Home base for heart monitoring – How technology helped keep 
Anne Buchanan out of hospital

Informational article from Mission Health:

Western North Carolina is known for its long and winding roads. And while the scenic journeys add to the charm of our region, they can be a hindrance for those who need to travel for medical care. Anne Buchanan of Morganton knows this firsthand. The 77-year-old frequently traveled to Mission Hospital in Asheville for medical appointments and hospital admissions due to her congestive heart failure. Now, thanks to pioneering technology offered through Mission’s Heart Failure Program, Buchanan is making that drive a lot less frequently.

Remote Monitoring

The system that has helped reduce Buchanan’s need for in-person medical care is known as CardioMEMS. It allows doctors and nurses at Mission’s Heart Failure Program to monitor patients remotely through a wireless connection to an implanted device. CardioMEMS is the only FDA approved heart-failure monitoring system clinically proven to reduce hospital admissions.

“The CardioMEMS technology includes a small sensor that’s placed into the pulmonary artery,” Benjamin Trichon, MD, medical director of the Heart Failure Program says. “That sensor is capable of transmitting real time information about pressures in the heart and lungs on a day-to-day basis. With the capability to track these pressures remotely on a regular basis, we can examine trends and more accurately predict when patients will worsen and possibly require emergency care or admission to the hospital.”

The sensor works in coordination with a specially designed pillow that activates a wireless signal that sends the patient’s pressure readings to a secure website monitored by Dr. Trichon and his staff. Buchanan was the first Mission Health patient to start using the system, and she has been very happy with it.

“I’ve been using it for about two and a half years now,” Buchanan says. “Every morning, I get up and turn the machine on and lie on the pillow. The machine kind of talks to me and lets me know if I’m in the right position and how long to stay there. Then it just sends the readings right on to the Heart Failure advanced practitioners.”

If Buchanan’s readings indicate an issue, heart failure nurses will call and consult with her by phone. They will typically recommend that she make certain adjustments to her medications. If the readings are really abnormal, they will suggest she come to Asheville to get checked.

“It’s such a value to patients in western North Carolina for us to have this safe and novel technology,” Dr. Trichon says. “It makes the monitoring and tracking of remote patients so much easier because all they have to do is lie on their pillow. From there, all the pressure information is transmitted to us, and we can manage things over the phone.”

Fewer Admissions

Buchanan said that even though she occasionally still has to travel to Asheville, it’s much less frequent than before. And most importantly, the visits are usually checkups. In the past they were, more often than not, hospital admissions.

“It has cut down on my trips to Asheville tremendously — and my hospital stays especially,” Buchanan says. “Before I got the CardioMEMS, I was in the hospital every six to eight weeks with my heart.”

In the past, Buchanan dealt with a lot of fluid buildup in her lungs and also had to have numerous cardiac ablations. An ablation is an energy-based procedure that helps patients with atrial fibrillation (AFib) get their hearts back in rhythm.
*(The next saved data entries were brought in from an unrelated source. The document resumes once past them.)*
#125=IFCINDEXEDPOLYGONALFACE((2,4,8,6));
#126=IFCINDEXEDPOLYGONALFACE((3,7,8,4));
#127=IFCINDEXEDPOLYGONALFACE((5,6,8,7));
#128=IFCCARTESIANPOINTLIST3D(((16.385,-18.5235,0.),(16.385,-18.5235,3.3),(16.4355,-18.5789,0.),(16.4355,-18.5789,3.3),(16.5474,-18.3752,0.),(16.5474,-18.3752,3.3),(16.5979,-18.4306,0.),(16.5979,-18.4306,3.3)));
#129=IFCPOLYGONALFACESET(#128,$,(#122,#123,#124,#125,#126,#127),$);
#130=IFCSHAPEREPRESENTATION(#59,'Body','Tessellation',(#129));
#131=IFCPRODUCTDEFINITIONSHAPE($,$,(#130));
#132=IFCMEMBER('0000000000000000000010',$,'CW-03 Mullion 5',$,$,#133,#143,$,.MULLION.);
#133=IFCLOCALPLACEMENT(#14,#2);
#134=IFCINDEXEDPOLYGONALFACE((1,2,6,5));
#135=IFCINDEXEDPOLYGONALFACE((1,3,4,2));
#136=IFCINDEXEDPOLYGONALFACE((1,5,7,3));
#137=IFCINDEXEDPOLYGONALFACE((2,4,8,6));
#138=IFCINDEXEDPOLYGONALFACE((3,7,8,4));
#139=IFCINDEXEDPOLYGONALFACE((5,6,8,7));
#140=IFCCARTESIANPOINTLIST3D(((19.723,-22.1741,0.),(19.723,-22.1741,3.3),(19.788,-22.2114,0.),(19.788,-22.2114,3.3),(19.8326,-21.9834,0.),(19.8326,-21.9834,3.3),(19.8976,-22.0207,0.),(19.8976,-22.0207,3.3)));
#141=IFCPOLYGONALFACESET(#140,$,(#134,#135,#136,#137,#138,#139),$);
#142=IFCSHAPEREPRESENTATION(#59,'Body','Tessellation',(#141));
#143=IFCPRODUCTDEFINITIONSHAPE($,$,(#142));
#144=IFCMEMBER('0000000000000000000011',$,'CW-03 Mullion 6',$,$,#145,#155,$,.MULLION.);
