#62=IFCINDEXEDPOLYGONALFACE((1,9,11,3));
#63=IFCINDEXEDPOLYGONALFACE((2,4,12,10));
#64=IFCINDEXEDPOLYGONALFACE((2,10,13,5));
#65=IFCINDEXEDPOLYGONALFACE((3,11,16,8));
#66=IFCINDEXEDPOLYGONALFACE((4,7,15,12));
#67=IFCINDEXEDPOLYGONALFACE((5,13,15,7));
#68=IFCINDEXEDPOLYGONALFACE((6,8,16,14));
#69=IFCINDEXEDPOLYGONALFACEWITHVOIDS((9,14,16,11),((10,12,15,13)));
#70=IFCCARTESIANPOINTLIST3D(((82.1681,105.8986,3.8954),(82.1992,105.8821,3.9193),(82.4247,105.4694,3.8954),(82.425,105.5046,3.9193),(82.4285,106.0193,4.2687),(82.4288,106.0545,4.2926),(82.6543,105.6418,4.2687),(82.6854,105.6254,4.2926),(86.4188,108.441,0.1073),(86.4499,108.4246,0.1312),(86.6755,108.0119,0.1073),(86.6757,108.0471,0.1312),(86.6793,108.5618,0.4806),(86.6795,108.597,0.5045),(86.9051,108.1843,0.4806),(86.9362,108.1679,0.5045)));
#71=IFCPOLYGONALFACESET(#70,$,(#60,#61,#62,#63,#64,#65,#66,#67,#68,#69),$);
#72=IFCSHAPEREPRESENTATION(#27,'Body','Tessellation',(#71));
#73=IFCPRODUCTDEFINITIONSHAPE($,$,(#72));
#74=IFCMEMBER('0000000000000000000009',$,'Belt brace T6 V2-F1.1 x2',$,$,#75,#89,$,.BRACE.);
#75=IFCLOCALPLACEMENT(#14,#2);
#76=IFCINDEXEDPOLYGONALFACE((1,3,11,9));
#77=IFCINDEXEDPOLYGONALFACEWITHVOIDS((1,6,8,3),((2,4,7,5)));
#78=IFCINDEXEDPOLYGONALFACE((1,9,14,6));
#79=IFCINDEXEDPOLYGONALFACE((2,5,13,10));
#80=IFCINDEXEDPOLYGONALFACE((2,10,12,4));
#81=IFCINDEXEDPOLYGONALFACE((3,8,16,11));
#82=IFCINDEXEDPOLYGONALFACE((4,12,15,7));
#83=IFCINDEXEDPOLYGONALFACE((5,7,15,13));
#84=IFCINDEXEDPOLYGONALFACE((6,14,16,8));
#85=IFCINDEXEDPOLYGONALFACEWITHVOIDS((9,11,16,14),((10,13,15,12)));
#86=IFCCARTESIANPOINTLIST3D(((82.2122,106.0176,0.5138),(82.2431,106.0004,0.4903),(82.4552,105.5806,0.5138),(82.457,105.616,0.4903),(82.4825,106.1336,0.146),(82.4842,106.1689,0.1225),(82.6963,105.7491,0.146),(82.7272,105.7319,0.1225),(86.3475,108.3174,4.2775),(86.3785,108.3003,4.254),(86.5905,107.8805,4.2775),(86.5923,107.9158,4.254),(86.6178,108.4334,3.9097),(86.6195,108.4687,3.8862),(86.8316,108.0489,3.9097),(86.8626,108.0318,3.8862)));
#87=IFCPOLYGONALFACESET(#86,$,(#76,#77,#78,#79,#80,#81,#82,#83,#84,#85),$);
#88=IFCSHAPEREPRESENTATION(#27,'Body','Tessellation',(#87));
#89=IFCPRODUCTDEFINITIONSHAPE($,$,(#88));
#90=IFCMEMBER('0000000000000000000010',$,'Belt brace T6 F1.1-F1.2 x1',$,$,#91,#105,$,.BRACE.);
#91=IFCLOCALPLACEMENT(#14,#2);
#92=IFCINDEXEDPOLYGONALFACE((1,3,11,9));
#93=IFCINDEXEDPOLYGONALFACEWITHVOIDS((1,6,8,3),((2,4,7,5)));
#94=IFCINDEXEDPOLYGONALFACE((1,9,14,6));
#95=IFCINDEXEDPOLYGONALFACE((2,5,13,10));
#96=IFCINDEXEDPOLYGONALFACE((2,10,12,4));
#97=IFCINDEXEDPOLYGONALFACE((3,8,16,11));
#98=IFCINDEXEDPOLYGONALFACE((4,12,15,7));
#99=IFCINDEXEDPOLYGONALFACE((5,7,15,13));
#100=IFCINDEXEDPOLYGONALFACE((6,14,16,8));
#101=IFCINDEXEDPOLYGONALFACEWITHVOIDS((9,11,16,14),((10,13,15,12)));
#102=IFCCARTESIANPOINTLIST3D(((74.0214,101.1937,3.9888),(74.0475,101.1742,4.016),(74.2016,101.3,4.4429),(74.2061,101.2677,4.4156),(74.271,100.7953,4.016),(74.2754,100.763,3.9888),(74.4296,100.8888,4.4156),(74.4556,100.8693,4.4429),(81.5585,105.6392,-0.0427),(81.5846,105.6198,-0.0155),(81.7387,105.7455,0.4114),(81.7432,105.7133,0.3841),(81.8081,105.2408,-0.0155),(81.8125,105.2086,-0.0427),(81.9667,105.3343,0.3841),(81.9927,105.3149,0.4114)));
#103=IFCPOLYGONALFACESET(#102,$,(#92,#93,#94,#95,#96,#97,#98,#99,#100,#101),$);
Buchanan says that she would often leave the hospital after an ablation, and her heart would be out of rhythm again before she got down the mountain. It was because she had so many of these difficulties that the Heart Failure Program doctors thought she was the ideal candidate for the CardioMEMS.

The reason the CardioMEMS is so good at reducing hospital admissions is that it helps identify problems in patients before they get to the point where they need hospitalization.

“Typically, when a heart failure patient is admitted to the hospital, it’s due to congestion and fluid buildup that manifests as shortness of breath, swelling and rapid weight gain,”  Dr. Trichon explains. “However, the pressures in the heart and lungs rise well before symptoms develop. When we make treatment adjustments purely on symptoms alone, it is often too late to avoid hospitalization or emergency care.”

“By having that pressure data, we can act more proactively upstream before the development of those symptoms, and we can adjust the patient’s medications to reduce the likelihood of hospital admission,” Dr. Trichon says.

“They let me know before I get in trouble,” Buchanan says. “This gives me peace of mind that if anything goes wrong either way, up or down, I’m going to hear from them.”

Improved Quality of Life

Thanks to the CardioMEM, Buchanan, who was once in the hospital almost every other month, has been able to avoid an admission since November. Her checkups have reduced, too, which has cut back on her hour-long (each way) drive to Mission.

However, the monitoring and resulting medication adjustments have provided Buchanan with more than just reduced hospital admissions; the system has also improved her overall health and well-being. For instance, she was recently able to go off her oxygen therapy during daytime hours because her readings have improved so much.

“It has helped me maintain a better life,” Buchanan says. “I’m thankful every day for the machine and for the doctors and nurses who work with me in managing my health.”